The negative peak portion of the input audio frequency signal shown in is extracted. This extracted signal is controlled by adjusting the variable resistor 211, and when the adjustment terminal is adjusted to the ground side (downward in the drawing), the output level becomes zero, and when adjusted in the opposite direction, the output level becomes zero as shown in Figure 3. The level is increased as shown by the dotted line in b. Therefore, the output signal of the output terminal 214 is added to the output signal of the demodulator a, and this demodulated output signal becomes a signal compensated for the dotted line in FIG. 1b, as shown by the solid line in FIG. 3c. .

According to the above configuration, the phase of the audio frequency signal is reversed by the coupling inverter 20, this signal is amplified by the amplifier 21 for class B or class C amplification, and the signal is added to the demodulated output signal of the demodulator a. ing. Therefore, it is possible to easily compensate for waveform distortion that occurs when the pulse width is narrow, and as a result, it is possible to improve the efficiency of the device.
In experiments, an efficiency improvement of approximately 10% was confirmed.

Further, this configuration is simple, and since there is no need to increase the size of the chiyoke coil 12, it is possible to suppress the increase in size of the main body of the apparatus.

It should be noted that the present invention is not limited to the above-described embodiment, and for example, the output signal of the coupling inverter 20 may be passed through a half-wave rectifier circuit or a slice circuit to derive the peak signal shown in FIG. 3b. Furthermore, if the positive peak level portion of the output signal is distorted due to the operation of the pulse width modulator 10, the coupling inverter 20 shown in FIG. 2 is not necessary, and the corresponding peak level component is extracted. It is possible to compensate for the above distortion components by adding them.

It goes without saying that various other modifications can be made without departing from the gist of the invention.

As described in detail above, the present invention provides an amplitude modulation device that can compensate for waveform distortion with a simple configuration, achieve high efficiency, and suppress the increase in size of the device body. can.

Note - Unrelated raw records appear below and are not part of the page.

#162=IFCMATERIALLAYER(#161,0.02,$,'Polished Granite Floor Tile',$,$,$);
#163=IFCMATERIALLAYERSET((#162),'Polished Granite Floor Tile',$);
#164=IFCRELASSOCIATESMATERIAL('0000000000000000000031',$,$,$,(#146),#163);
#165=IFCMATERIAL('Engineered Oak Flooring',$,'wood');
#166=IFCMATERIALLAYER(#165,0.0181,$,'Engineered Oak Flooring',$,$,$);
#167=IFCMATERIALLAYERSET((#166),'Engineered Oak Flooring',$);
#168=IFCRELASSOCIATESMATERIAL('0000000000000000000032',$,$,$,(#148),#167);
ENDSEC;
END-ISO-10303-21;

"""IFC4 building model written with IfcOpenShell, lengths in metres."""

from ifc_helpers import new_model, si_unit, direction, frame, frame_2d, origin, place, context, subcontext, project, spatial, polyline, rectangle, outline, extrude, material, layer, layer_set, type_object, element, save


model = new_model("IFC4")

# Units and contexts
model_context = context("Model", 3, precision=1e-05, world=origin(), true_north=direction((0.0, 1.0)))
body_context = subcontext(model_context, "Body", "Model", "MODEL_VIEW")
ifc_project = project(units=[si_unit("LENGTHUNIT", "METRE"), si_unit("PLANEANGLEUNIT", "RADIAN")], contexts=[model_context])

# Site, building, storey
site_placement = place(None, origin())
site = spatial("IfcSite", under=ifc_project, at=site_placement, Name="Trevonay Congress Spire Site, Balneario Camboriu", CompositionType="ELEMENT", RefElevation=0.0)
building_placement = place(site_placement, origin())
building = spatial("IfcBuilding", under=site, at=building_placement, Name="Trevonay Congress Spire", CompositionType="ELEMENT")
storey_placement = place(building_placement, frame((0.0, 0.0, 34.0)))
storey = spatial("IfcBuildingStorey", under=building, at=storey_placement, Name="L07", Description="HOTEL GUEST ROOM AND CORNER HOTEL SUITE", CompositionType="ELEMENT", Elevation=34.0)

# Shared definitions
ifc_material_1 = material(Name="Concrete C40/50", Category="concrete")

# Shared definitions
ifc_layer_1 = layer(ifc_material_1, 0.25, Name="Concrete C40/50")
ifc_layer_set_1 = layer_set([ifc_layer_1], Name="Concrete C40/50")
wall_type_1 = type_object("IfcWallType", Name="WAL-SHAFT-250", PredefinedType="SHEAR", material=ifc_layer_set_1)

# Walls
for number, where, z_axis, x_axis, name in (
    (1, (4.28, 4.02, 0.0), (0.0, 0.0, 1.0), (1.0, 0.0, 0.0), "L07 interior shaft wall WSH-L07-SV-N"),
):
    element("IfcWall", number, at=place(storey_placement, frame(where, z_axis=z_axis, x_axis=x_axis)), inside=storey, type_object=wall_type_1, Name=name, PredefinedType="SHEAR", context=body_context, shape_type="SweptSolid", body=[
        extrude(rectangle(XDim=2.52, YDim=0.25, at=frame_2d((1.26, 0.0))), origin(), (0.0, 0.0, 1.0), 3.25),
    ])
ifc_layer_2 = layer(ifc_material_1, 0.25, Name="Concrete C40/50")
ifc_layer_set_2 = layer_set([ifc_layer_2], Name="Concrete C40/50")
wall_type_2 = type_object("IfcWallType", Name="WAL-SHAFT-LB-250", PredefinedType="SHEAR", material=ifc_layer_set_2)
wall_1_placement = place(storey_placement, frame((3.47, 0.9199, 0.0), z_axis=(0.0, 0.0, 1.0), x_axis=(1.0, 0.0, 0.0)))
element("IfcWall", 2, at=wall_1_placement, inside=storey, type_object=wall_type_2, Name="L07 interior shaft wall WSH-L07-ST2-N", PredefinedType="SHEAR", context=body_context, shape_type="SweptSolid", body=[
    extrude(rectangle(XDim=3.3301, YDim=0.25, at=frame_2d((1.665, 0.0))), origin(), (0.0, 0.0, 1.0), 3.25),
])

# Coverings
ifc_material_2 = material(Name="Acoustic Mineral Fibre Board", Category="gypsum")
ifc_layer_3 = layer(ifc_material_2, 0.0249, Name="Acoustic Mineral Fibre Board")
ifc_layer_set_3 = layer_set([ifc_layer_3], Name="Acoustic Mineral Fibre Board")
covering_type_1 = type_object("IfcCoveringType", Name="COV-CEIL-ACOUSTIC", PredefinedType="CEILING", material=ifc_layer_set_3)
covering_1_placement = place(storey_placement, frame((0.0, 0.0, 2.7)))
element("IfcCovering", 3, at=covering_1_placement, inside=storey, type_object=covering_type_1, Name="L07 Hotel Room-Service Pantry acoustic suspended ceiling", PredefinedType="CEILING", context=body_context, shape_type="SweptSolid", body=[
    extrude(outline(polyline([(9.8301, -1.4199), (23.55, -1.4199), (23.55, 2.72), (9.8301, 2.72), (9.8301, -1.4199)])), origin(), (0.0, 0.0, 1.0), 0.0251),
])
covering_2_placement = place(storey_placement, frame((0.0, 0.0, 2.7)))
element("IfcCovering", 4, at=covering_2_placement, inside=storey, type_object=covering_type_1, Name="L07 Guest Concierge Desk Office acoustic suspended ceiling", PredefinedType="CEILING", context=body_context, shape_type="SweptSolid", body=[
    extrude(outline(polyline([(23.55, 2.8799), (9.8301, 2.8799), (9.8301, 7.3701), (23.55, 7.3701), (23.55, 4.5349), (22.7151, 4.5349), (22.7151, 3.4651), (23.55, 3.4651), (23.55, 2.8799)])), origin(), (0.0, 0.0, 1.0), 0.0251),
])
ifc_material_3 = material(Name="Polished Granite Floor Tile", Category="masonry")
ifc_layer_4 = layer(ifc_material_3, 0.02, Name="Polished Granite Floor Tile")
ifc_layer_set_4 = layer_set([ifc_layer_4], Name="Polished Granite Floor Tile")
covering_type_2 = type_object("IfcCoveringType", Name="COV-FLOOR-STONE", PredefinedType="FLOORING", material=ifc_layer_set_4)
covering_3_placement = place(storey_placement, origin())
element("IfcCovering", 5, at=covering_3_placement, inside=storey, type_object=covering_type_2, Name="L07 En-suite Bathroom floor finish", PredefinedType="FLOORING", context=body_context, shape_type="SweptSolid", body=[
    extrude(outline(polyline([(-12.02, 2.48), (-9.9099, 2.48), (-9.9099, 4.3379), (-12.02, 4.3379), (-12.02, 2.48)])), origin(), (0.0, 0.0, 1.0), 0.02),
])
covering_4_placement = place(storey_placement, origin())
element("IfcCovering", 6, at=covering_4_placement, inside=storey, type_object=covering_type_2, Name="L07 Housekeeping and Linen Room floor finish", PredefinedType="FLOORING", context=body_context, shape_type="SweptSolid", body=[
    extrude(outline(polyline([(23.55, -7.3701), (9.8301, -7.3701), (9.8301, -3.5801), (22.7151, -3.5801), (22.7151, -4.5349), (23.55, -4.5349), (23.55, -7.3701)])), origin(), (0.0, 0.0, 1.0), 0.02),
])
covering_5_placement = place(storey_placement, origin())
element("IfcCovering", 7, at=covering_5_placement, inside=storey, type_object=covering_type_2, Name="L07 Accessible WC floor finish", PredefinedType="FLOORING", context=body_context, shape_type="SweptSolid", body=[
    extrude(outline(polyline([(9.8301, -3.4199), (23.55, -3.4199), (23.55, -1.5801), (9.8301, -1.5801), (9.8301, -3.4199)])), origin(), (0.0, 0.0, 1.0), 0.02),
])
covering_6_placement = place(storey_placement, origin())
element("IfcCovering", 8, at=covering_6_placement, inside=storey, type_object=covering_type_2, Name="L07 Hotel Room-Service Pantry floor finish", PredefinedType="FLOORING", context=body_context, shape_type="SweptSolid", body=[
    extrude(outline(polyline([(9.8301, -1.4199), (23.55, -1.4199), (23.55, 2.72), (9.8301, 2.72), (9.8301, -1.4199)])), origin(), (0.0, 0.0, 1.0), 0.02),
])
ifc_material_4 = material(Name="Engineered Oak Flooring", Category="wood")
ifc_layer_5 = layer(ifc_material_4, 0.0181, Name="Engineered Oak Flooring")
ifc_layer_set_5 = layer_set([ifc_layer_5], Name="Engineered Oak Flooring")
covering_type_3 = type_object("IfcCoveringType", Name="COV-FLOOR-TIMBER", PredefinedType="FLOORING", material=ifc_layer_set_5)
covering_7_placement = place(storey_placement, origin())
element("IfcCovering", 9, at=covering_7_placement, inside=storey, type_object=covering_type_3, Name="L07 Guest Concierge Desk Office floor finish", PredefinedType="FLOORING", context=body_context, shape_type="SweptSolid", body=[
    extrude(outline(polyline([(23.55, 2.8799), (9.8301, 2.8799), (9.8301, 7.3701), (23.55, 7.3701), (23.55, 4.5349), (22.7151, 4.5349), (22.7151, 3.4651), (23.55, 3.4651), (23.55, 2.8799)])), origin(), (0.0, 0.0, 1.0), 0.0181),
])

[Brief explanation of the drawing]

Fig. 1a is a block diagram showing an example of a conventional amplitude modulation device, Fig. 1b is a waveform diagram shown to explain Fig. 1a, and Fig. 2 shows an embodiment of the amplitude modulation device according to the present invention. FIG. 3A is a circuit diagram showing the main part of FIG. 2, and FIGS. 3B and 3C are waveform diagrams shown for explaining the present invention. 10... Pulse width modulator, 11... Pulse amplifier, a... Demodulator, 14... Carrier wave amplifier, 20
...coupling inverter, 21...amplifier.

Claims (1)

[Claims] 1. A pulse width modulator that pulse width modulates an audio frequency signal, a pulse amplifier that amplifies the output signal of this modulator, a demodulator that demodulates the output signal of this amplifier, and an output signal of this demodulator and a predetermined carrier wave. a modulated carrier amplifier to which the signal is supplied; means for extracting a peak level component of the signal to which the audio frequency signal is supplied; and a demodulator for extracting the extracted peak level signal. 1. An amplitude modulation device comprising means for adding and synthesizing a peak level portion of an output.